Derrière elles, c'est un paysage de désolation qui nous fait face : les quatre serres de l'exploitation tiennent à peine debout. Détruites par Garance en février dernier, les structures métalliques abritent quelques pieds de tomates et courge butternut, replantés après le cyclone dans l'espoir de faire repartir la production.

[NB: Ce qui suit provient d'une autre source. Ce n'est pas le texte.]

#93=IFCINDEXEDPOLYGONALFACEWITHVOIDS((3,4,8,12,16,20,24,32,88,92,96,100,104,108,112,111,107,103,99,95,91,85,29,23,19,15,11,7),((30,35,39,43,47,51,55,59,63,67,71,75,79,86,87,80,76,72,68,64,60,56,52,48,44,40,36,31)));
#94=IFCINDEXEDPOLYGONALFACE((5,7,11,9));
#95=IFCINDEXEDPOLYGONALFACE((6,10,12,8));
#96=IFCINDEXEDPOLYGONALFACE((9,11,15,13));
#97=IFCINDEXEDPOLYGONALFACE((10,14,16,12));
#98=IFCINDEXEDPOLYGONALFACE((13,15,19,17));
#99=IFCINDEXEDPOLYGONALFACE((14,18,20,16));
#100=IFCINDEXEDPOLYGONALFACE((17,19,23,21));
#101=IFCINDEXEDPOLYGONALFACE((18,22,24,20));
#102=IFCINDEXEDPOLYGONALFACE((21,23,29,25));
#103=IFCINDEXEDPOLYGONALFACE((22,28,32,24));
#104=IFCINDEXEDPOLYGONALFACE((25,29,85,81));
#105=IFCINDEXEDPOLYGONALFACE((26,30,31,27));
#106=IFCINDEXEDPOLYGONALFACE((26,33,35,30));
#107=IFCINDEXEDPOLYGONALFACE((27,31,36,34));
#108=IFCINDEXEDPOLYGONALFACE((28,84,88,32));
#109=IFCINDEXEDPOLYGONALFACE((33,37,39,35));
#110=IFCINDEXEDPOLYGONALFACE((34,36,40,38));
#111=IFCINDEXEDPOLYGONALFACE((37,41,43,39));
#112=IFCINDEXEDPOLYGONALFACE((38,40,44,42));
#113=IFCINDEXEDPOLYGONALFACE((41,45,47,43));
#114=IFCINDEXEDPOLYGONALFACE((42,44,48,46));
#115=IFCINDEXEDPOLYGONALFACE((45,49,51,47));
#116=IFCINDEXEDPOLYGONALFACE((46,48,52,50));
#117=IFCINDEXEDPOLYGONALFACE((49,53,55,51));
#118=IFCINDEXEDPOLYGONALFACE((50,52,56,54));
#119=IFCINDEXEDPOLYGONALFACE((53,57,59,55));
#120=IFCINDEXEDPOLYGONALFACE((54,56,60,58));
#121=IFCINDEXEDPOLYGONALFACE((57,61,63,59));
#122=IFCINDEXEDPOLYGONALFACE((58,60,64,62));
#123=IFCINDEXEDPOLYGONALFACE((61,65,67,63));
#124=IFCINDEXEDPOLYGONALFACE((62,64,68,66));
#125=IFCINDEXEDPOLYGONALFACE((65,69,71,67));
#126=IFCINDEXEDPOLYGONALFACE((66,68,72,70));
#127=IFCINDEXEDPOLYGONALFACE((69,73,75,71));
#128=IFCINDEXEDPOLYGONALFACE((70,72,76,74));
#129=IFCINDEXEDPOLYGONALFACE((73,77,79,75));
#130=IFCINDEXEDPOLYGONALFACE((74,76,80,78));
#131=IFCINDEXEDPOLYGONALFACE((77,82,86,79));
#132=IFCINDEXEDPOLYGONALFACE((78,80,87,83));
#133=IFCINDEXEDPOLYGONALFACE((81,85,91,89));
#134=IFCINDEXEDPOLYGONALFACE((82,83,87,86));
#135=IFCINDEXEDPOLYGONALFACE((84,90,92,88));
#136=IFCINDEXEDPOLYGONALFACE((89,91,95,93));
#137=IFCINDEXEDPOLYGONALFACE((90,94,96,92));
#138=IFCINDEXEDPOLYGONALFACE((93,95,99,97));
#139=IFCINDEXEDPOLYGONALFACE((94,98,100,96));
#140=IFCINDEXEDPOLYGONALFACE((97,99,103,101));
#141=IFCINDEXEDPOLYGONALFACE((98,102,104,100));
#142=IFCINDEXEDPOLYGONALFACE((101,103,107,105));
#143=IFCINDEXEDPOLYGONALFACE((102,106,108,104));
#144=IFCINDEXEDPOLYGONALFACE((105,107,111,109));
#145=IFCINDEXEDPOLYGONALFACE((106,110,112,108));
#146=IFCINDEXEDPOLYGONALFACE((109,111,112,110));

- Une perte qui s'élève à plus de 350.000 euros -
"Le 27 février, on avait encore deux serres de tomates en récolte et deux serres de melons en plantation. Deux jours plus tard, on est arrivé sur site et on avait tout perdu", se souvient la mère de deux enfants, émue. Soit plus de 100.000 euros de perte en cultures et près de 250.000 euros en investissement, dont encore 70.000 de dettes à rembourser. "C'était le désarroi. Pour Belal, les bâches n'avaient pas connu de dégât. Alors je pensais que ça irait pour cette fois".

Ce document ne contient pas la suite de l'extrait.